6. Voor een proceskostenveroordeling bestaat geen aanleiding.

Beslissing

De rechtbank:
  • verklaart het beroep, geregistreerd onder zaaknummer NL21.15837, ongegrond;
  • wijst het verzoek om een voorlopige voorziening, geregistreerd onder zaaknummer NL21.15838, af.
Deze uitspraak is gedaan door mr. A.K. Mireku, (voorzieningen)rechter, in aanwezigheid van mr. M. Journée, griffier.
De uitspraak is uitgesproken in het openbaar en bekendgemaakt op:
Rechtsmiddel
Tegen de uitspraak op het beroep kan hoger beroep worden ingesteld bij de Afdeling bestuursrechtspraak van de Raad van State binnen één week na de dag van bekendmaking.

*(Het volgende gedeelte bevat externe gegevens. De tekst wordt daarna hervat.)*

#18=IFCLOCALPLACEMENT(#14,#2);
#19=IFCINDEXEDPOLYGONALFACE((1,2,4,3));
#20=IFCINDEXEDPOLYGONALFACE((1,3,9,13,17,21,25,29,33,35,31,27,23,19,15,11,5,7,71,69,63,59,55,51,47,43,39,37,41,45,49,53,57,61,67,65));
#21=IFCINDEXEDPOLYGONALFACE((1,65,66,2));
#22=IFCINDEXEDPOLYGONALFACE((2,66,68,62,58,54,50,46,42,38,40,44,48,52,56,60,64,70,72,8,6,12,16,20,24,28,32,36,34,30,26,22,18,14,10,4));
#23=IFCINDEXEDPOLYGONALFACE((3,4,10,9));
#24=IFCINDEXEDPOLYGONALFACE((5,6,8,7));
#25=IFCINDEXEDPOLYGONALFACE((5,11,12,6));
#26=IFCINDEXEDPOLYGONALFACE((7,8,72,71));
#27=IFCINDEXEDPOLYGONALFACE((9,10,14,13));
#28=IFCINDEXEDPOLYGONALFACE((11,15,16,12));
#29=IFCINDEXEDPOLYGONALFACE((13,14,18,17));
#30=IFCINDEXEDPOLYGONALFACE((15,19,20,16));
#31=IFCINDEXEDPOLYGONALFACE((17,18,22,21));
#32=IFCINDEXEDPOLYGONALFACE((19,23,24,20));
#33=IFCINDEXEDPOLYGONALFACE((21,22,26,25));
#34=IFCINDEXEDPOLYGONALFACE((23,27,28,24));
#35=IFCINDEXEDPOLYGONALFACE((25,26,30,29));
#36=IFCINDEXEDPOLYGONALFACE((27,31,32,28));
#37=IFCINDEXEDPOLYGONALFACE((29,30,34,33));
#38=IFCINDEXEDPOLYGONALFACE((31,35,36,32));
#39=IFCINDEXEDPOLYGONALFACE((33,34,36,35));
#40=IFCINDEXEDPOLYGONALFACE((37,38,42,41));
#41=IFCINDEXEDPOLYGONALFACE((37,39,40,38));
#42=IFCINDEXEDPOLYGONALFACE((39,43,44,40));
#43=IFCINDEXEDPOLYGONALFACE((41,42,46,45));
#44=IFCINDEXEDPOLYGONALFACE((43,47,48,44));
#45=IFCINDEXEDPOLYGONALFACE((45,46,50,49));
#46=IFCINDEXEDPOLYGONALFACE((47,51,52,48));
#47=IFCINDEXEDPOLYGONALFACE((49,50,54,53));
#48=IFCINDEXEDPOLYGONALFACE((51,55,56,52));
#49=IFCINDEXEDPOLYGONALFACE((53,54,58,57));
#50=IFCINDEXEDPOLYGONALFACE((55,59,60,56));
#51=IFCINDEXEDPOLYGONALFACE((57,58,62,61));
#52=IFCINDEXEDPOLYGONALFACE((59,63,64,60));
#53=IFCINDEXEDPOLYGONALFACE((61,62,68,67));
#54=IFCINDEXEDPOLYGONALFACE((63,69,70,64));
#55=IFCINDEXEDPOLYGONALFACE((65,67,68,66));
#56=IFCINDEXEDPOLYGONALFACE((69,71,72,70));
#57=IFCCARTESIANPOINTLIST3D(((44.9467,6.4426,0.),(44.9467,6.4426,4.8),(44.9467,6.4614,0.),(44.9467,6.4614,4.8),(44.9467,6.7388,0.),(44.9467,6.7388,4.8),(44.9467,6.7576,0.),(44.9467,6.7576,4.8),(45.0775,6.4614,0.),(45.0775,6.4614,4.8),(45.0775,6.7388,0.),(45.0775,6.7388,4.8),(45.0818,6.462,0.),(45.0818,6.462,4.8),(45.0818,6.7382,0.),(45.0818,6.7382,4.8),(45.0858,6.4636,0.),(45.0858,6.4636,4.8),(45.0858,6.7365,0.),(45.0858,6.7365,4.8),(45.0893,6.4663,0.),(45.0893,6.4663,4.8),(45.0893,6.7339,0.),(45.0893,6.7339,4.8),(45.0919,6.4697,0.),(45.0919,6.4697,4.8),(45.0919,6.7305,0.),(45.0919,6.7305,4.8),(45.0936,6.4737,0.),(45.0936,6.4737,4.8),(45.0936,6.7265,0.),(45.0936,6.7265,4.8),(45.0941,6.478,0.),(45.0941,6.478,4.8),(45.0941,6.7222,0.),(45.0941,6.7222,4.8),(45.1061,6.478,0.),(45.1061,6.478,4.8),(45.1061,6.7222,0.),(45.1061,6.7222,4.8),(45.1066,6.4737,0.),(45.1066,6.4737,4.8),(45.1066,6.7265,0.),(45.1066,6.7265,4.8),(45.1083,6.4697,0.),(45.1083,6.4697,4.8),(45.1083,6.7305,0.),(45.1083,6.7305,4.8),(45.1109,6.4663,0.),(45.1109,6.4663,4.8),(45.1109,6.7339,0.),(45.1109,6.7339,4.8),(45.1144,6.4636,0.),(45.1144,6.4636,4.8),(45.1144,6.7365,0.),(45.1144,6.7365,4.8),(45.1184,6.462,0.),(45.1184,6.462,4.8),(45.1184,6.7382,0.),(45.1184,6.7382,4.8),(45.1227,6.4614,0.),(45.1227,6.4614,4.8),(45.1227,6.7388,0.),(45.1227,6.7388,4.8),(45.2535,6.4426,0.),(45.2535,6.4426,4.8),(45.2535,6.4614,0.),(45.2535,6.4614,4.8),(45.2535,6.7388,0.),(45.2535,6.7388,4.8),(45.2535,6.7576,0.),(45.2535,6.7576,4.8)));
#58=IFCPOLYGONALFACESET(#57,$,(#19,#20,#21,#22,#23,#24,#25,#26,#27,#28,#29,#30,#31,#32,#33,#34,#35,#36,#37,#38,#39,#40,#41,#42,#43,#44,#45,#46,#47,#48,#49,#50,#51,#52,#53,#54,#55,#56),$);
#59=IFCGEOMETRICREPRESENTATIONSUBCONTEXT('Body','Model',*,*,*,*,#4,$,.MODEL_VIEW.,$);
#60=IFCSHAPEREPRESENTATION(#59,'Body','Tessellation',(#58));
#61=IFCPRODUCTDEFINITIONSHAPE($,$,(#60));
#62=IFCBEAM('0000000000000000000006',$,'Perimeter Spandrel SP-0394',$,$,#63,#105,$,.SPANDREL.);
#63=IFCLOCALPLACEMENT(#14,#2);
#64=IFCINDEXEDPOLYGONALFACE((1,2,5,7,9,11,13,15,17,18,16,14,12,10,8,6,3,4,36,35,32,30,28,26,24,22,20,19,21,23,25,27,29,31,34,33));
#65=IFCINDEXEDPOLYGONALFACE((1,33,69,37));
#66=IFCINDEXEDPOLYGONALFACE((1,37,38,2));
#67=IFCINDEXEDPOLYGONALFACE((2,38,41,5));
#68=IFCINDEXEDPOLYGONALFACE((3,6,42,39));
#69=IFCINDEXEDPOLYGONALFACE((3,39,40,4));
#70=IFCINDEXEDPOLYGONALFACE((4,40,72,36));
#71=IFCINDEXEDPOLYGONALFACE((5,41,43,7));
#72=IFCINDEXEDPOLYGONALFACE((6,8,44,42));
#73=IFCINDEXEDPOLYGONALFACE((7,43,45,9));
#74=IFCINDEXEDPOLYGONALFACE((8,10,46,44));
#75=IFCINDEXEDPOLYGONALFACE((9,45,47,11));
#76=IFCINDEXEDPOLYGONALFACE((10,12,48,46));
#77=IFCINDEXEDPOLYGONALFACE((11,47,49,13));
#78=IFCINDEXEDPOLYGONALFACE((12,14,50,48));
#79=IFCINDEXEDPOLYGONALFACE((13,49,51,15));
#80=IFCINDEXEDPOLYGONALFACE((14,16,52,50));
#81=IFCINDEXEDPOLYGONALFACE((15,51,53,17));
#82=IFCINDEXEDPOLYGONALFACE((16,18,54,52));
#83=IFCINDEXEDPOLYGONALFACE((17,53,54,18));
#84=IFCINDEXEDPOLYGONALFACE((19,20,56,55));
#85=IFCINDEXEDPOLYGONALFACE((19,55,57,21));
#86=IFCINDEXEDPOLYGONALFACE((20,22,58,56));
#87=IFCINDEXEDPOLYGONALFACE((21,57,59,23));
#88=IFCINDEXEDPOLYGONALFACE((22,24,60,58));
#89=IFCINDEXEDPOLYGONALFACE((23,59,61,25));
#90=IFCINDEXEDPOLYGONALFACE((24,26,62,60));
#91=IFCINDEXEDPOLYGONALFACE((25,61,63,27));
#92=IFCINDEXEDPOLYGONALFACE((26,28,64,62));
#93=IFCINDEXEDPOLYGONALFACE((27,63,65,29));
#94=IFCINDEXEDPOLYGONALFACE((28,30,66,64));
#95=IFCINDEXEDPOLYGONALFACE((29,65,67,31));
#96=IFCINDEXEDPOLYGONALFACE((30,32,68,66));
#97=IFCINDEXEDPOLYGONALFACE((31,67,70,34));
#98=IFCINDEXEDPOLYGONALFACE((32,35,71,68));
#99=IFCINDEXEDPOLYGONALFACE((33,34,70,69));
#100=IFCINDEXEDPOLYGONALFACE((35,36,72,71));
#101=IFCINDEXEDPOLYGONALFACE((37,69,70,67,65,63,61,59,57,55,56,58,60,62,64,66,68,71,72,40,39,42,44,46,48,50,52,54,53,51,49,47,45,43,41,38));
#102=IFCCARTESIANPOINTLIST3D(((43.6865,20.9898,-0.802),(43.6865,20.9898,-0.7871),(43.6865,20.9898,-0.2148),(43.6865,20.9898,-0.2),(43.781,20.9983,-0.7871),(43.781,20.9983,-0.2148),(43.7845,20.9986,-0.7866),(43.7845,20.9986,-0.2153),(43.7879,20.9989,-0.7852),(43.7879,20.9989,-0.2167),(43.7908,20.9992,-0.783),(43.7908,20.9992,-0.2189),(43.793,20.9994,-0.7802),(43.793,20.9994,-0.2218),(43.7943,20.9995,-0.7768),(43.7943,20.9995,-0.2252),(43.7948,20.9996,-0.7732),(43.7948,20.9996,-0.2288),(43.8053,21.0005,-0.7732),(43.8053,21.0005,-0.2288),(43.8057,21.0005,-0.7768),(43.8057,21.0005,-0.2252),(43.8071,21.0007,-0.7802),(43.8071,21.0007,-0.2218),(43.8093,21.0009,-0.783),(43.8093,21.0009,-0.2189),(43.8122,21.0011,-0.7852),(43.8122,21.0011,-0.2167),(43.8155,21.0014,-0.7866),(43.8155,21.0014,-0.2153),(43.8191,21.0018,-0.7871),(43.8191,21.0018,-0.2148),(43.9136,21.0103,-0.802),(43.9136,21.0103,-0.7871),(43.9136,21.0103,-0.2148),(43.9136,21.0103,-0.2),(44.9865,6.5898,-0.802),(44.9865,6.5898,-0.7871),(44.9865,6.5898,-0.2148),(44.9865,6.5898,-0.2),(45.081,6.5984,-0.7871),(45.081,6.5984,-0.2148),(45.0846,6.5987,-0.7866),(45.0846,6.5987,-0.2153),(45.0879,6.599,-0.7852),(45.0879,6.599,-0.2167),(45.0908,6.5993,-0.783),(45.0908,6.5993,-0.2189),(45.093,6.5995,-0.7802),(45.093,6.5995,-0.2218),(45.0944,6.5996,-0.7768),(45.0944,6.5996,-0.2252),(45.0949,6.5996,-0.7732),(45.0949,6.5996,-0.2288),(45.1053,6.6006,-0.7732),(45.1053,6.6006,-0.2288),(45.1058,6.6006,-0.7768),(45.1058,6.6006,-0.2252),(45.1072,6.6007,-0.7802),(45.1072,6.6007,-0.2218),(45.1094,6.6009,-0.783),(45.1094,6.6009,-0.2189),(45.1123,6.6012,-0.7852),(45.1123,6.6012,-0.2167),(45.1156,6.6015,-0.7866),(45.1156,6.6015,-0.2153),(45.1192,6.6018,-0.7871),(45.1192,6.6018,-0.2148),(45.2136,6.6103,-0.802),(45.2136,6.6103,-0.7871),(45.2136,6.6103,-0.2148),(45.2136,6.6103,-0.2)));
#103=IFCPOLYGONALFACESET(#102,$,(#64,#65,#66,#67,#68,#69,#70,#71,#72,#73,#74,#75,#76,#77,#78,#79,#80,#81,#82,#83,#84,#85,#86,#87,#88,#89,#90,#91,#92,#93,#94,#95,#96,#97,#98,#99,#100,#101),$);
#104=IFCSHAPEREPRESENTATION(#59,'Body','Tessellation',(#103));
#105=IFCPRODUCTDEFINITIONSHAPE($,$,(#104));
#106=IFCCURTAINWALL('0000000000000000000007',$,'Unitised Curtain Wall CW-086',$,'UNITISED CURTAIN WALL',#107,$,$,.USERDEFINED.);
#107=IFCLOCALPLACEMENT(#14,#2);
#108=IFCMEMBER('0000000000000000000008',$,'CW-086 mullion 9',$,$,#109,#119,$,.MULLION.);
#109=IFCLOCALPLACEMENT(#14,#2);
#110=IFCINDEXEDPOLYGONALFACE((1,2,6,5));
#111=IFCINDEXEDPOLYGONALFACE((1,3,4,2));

Tegen de uitspraak op het verzoek om een voorlopige voorziening staat geen rechtsmiddel open.

Voetnoten

1.Verordening (EU) nr. 604/2013.
3.Beschikbaar via
4.Beschikbaar via
5.Zie ook de uitspraak van de Afdeling bestuursrechtspraak van de Raad van State van 9 februari 2021, overweging 5 (ECLI:NL:RVS:2021:244).